8. Risk as the basis of status


            Here, in the financial world, it thus looks as if status reflects in an exact manner risk of default. It is tempting therefore to consider status in this perspective: status reflects the risk, i.e. the unpredictable possibility of loss, that each represents for each other, should they decide to deal commercially. The question which then arises is whether or not risk contributes in any similar way to defining the status of persons.


            In the typical example Aristotle proposes of the mason and the shoemaker it is implied that the question of the price paid for leather and bricks hasbeen settled separately. What is not spelled out but presupposed is that what gets paid is the labour involved in building a house or making a pair of shoes. The type of circumstances assumed to prevail are those which I have come across in West Africa, that it goes without saying that the customer provides the craftsman or craftswoman with the raw materials implied in the job. If you want a shirt made, for instance, you first go and buy the fabric needed and pass your order to the tailor at the same time as you hand him out the raw materials he needs and which has been purchased by you elsewhere. The tailor is not the supplier of the fabric,this is not part of his job definition (we still proceed in the same way of course in Europe or in the United States at the top end of the range in fashion wear).

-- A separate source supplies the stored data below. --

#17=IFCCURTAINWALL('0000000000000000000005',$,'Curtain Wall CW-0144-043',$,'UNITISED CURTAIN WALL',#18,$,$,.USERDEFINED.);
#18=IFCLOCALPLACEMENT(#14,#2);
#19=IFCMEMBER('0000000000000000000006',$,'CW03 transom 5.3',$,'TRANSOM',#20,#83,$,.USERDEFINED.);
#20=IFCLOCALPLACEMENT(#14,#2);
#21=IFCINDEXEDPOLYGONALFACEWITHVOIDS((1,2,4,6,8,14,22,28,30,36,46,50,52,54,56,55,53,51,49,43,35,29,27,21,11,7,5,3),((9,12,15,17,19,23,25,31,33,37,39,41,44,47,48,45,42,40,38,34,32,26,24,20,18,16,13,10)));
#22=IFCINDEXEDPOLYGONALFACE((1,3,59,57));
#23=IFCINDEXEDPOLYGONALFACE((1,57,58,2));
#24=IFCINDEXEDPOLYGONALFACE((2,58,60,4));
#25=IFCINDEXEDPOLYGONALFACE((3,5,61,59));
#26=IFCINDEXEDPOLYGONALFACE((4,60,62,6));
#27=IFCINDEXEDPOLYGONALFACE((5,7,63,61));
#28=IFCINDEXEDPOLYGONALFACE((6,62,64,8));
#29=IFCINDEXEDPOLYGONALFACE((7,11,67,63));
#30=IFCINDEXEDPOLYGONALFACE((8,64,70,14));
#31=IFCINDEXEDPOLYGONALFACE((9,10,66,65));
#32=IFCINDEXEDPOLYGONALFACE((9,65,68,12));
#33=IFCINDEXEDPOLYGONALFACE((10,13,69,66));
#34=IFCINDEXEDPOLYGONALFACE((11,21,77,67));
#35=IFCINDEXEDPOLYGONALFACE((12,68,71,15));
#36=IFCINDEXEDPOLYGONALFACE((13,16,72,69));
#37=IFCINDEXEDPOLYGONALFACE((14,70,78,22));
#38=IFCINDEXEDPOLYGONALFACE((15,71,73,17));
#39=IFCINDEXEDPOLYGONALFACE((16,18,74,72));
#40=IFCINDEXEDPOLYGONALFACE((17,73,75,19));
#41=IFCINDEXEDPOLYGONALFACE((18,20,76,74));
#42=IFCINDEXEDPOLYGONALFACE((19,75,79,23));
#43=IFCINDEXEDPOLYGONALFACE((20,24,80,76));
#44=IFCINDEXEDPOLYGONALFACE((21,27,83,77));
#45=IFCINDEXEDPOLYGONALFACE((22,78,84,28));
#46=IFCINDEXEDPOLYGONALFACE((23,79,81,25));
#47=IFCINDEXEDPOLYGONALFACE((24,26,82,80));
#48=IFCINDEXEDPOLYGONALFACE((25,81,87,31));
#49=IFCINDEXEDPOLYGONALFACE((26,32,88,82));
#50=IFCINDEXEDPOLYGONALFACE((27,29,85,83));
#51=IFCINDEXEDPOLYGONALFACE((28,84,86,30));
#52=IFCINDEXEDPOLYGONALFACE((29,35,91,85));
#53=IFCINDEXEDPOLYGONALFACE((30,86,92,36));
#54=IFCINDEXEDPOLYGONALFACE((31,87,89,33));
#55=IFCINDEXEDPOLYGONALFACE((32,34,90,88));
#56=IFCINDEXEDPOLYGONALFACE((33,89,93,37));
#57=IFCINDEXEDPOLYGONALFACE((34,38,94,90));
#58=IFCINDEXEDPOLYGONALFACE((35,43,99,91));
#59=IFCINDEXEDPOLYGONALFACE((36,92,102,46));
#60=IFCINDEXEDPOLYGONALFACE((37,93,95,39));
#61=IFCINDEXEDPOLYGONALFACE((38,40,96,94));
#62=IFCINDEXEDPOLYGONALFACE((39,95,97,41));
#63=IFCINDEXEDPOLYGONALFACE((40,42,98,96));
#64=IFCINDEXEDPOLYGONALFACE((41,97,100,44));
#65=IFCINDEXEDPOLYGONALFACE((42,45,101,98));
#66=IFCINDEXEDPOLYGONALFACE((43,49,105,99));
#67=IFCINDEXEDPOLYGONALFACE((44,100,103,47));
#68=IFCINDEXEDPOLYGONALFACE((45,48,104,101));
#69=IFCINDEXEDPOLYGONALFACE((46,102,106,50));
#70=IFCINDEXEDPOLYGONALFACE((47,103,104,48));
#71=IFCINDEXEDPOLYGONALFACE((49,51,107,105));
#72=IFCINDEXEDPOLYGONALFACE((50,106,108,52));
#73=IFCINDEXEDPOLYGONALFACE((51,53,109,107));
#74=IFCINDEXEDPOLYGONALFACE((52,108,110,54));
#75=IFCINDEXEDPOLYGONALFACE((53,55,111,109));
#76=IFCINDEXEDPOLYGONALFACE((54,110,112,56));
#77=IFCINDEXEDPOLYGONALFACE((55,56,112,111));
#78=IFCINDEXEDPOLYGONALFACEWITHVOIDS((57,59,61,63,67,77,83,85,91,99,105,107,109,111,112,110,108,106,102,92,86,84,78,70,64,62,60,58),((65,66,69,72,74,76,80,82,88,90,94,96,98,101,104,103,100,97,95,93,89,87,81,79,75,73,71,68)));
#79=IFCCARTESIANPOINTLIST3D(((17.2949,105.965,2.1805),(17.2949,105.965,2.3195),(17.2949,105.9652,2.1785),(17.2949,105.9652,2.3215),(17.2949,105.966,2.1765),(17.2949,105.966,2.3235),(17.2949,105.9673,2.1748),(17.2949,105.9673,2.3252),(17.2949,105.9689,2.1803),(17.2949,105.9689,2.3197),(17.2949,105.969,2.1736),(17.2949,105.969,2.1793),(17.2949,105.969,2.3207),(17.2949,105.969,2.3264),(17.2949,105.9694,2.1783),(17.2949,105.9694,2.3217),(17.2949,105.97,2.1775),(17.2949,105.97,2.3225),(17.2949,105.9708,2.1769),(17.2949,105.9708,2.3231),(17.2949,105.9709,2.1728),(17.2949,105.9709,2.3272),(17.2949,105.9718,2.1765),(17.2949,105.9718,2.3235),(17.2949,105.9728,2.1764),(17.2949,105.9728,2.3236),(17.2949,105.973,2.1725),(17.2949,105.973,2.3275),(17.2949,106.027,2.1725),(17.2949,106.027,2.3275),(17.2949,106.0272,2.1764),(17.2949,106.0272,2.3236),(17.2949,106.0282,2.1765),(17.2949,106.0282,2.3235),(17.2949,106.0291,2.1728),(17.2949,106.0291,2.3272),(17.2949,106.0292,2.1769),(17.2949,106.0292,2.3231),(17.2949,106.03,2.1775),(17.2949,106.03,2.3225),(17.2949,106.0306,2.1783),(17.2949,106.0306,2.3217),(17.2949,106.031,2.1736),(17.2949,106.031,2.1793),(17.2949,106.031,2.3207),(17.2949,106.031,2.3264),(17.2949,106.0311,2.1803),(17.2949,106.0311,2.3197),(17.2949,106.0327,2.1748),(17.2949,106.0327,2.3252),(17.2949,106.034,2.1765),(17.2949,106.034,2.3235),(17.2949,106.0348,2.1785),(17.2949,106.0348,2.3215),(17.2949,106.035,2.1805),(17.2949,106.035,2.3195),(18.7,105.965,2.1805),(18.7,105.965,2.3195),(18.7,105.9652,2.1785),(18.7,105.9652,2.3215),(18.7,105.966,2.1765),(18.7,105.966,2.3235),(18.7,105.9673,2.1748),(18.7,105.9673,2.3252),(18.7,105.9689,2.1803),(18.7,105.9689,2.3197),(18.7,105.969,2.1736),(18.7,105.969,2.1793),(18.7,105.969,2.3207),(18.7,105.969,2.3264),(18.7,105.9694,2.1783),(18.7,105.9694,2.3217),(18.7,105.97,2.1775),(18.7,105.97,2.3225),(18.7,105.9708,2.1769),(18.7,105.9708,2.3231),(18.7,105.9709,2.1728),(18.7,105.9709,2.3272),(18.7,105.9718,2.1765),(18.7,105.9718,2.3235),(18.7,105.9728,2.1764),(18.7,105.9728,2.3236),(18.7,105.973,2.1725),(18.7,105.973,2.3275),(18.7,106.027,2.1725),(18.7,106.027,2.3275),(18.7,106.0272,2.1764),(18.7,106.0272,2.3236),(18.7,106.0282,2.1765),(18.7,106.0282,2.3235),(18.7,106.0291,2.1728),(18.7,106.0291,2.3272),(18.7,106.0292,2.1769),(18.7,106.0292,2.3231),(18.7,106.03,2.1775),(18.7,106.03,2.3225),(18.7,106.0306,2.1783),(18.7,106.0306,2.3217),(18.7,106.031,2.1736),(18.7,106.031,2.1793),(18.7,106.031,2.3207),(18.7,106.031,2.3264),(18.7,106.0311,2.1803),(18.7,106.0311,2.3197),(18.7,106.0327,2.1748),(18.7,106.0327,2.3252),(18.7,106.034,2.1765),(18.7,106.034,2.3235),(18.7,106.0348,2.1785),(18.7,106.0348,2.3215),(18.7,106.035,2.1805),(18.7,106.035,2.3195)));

            So the way things work out is that the shoemaker orders a house from the builder and provides him, in order that he is able to start construction, with, say two ton of bricks and eight hundred pound of roof tiles; the judge provides the builder with twenty five ton of bricks, two ton of roof tiles and fifteen ton of marble. Let us suppose for the sake of the argument that it takes the builder the same time to build the judge's house and the shoemaker's, the judge's will nonetheless be automatically more expensive as it contains within its walls fifteen ton worth of marble. In reality of course the judge's house will be much longer in building than the shoemaker's. The question to be raised is then the following: all accounts being settled once both houses are built, will the builder have charged the shoemaker and the judge the same amount per hour of his working time ' The answer which Aristotle provides (it is implicit in the argument presented in the first part of my paper but still perfectly clear) is that the shoemaker will be charged a higher fee per hour than the judge: in terms of builder fees, it will be relatively cheaper to have an expensive house built than a cheap one because the judge is an important person to the bricklayer while the shoemaker is not.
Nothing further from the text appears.